Jacques Gubler: what does an elegant solution mean in architecture?

detail of staircase

Jacques Gubler: what does an elegant solution mean in architecture? During a visit to Basel, Switzerland with a colleague of mine and architecture students, I rekindled my relationship with Jacques Gubler, an esteemed history and theory faculty who taught at the EPFL when I was a student there. It was a wonderful fully-packed afternoon, with visits to key architecture projects, a critique of the new annex designed by Christ & Gantenbein, followed by a tour of the Kunstmuseum Basel (Image 1).

Staircase in the original Kunstmuseum, and staircase in new annex by Christ & Gantenbein (author’s collection).
Image 1: Staircase in the original Kunstmuseum, and staircase in new annex by Christ & Gantenbein (author’s collection).

Before discussing an elegant solution, I want to mention that I have always privately admired Jacques’ teaching. I feel that I have grown in my academic career by delivering content in a manner somewhat related to his pedagogy, while never having given him full credit for his impact on me almost four decades ago. This blog is perhaps a way to correct this lapse of gratitude for the contributions and strong impact he had on my professorial life, knowing that Jacques would never suspect being in any way instrumental in my career. Rest assured, despite my hoping to follow a little in his footsteps, there remains only one Gubler, and no one can take the fire away from this eccentric humanist.

Jacques Gubler among students at the Kunstmuseum Basel; painting by German artist Konrad Witz titled Saint Christophe (c.1435), (author’s collection).

Image 2: Jacques Gubler among students at the Kunstmuseum Basel; painting by German artist Konrad Witz titled Saint Christophe (c.1435), (author’s collection).

So, let’s start from the beginning. It might seem difficult to describe Jacques’ teaching without mentioning the word unorthodox. What I mean by this is that contrary to a well-orchestrated and chronological sequencing of historical events, Jacques’ teaching style during history lectures offered surprising tangential content that took us off guard. We were second year students, and his teaching style was new to us, as we were accustomed to boring survey classes during our freshmen year—a content delivery method that I still see taught in the history and theory sequence in many schools of architecture.

What was different with Jacques—despite the subject matter remaining historically situated—was that he established new connections between topics which made his deliveries remarkable, and may I say even more memorable to our young minds. Autobiographical and at times subjective, the spontaneity of thinking between an unorthodox interconnectivity of ideas was key to Jacques’ teaching.

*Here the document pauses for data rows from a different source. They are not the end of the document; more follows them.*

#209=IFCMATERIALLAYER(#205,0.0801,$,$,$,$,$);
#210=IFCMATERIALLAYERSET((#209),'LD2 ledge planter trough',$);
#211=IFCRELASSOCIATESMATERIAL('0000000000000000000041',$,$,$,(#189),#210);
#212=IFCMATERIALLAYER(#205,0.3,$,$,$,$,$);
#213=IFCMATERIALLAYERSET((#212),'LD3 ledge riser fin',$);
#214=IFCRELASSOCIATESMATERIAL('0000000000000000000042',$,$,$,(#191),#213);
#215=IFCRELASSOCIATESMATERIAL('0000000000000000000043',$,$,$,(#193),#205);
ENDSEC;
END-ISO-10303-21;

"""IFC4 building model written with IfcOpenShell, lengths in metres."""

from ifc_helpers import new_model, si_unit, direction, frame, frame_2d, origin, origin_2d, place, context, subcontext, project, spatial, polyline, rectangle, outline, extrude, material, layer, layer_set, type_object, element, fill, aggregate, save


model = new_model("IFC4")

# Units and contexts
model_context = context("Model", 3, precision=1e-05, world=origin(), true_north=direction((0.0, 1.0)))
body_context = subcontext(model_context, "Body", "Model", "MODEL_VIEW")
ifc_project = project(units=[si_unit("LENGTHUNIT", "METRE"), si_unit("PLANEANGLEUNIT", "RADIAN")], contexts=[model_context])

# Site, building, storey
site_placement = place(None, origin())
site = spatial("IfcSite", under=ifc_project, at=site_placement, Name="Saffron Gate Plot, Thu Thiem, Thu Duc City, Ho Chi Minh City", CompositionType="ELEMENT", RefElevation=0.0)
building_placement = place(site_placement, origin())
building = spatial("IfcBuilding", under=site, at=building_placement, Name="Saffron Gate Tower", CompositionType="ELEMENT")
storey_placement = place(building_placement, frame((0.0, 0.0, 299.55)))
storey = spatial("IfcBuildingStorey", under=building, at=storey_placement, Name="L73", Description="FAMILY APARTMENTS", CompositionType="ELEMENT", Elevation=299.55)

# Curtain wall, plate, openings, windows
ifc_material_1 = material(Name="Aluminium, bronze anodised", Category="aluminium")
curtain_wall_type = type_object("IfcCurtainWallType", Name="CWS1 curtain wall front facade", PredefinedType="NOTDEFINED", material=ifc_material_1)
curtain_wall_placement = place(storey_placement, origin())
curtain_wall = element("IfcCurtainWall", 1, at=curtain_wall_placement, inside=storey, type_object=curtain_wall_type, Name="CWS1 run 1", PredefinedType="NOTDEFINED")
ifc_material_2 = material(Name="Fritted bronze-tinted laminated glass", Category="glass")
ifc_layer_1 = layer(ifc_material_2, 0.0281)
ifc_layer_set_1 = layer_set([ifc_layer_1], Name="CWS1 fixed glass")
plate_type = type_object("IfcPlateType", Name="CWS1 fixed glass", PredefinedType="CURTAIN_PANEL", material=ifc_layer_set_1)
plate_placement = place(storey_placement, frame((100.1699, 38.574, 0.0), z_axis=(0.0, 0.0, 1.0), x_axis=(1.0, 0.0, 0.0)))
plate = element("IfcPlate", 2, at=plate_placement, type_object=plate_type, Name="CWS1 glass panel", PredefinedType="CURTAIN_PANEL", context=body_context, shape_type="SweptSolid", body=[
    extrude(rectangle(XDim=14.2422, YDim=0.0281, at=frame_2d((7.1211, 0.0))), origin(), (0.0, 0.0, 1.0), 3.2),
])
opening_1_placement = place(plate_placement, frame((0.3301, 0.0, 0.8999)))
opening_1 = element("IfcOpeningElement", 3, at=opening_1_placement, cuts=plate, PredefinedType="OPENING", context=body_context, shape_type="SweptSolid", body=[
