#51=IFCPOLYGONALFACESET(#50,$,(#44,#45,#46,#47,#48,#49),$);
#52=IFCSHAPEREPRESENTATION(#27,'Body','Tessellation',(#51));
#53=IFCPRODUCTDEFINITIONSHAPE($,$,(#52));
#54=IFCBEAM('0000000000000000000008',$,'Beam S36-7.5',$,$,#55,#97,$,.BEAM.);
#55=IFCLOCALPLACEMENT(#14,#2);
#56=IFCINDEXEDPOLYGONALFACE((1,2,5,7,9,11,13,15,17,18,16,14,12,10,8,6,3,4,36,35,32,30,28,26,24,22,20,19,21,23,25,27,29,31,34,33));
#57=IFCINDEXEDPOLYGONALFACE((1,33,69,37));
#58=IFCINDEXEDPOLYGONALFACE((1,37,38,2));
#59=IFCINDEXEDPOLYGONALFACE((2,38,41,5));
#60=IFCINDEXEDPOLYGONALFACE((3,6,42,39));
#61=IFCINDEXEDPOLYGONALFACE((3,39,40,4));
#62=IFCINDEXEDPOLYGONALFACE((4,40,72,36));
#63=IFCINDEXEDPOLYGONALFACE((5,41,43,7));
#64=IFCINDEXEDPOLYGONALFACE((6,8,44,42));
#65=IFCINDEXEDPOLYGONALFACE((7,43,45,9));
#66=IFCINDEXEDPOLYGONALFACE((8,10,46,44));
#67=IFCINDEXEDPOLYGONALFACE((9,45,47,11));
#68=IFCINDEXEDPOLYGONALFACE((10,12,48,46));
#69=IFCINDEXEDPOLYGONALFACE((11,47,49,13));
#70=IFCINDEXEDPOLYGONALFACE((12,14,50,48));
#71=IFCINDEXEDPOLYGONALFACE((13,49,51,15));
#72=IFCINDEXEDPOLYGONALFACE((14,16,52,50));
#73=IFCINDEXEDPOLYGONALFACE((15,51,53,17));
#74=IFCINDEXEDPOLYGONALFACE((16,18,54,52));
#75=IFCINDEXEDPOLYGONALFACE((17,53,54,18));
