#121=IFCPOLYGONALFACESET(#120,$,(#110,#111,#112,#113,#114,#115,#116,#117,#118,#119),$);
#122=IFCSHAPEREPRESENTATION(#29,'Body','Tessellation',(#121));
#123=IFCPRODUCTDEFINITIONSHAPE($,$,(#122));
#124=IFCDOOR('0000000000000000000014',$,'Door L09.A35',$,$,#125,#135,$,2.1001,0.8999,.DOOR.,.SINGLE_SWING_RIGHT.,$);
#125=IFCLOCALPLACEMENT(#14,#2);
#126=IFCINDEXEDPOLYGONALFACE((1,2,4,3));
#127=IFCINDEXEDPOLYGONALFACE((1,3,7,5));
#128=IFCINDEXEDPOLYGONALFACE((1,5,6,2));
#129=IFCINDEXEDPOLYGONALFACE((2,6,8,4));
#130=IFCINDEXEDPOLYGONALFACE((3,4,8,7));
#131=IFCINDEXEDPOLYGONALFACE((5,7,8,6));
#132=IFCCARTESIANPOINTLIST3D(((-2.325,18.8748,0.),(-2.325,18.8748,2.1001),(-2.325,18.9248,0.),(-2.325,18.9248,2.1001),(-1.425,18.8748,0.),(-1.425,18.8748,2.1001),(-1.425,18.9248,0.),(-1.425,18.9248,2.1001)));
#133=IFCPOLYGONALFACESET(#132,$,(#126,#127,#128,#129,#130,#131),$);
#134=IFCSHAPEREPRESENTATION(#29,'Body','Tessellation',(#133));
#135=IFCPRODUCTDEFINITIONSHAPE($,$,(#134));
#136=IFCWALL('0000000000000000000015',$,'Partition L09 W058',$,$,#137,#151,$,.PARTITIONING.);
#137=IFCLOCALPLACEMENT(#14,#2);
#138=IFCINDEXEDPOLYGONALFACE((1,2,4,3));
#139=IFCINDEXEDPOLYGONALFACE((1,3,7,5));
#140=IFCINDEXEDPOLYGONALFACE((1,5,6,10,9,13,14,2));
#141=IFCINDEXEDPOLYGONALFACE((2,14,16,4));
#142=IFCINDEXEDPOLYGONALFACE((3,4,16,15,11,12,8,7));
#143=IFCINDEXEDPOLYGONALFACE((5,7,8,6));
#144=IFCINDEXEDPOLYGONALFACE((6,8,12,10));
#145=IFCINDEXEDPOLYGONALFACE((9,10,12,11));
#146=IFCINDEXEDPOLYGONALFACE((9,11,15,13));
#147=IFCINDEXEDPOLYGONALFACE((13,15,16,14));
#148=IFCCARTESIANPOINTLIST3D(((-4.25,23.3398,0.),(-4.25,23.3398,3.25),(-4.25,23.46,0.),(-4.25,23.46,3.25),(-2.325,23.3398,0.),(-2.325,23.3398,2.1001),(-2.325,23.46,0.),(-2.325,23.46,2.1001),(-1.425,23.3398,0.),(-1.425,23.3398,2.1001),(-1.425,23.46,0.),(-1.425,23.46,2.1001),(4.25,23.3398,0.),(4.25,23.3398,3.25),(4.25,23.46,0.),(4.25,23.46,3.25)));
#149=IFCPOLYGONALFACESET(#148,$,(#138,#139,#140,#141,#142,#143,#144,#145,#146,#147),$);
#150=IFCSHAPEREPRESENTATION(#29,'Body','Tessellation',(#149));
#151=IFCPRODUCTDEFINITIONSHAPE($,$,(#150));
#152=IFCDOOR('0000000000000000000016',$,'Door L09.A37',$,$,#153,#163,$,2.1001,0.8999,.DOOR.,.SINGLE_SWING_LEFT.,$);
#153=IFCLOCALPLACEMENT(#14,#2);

There was never time during class for our minds to relax (and look at Instagram if it had been invented) during what might have seemed an insignificant pleasantry. We had to, and wanted to, pay close attention. The erudition of Jacques’ scholarship was based on allusion, and while calling something to mind, he was underscoring his lectures. To follow his thoughts, we as students, needed to already have a certain cultural grounding in our discipline. That was asking a lot from us, but retrospectively, he taught by challenging his students to truly think.

Google Images -plan and façade of Villa Stein de Monzie (Garches), still life by Juan Gris, still life by Le Corbusier, analytical drawings and cover of the Futurist Cookbook
Image 3: Google Images -plan and façade of Villa Stein de Monzie (Garches), still life by Juan Gris, still life by Le Corbusier, analytical drawings and cover of the Futurist Cookbook

I remember during a class on Villa Garches (1926-1928) designed by Franco-Swiss architect Le Corbusier, that Jacques included a cubist still life by Juan Gris followed by Le Corbusier’s own purist painting, he then unexpectedly morphed architecture and painting into a discussion of futurist theories by Filippo Marinetti as they related to their absurd Futurist cooking recipes (1932). The correlation between any subject matter was often cryptic, and, at first, inexplicable as an indirect or passing reference. However, by the end of the class – or the semester – connections did make sense when further explored through countless other intellectual excursions!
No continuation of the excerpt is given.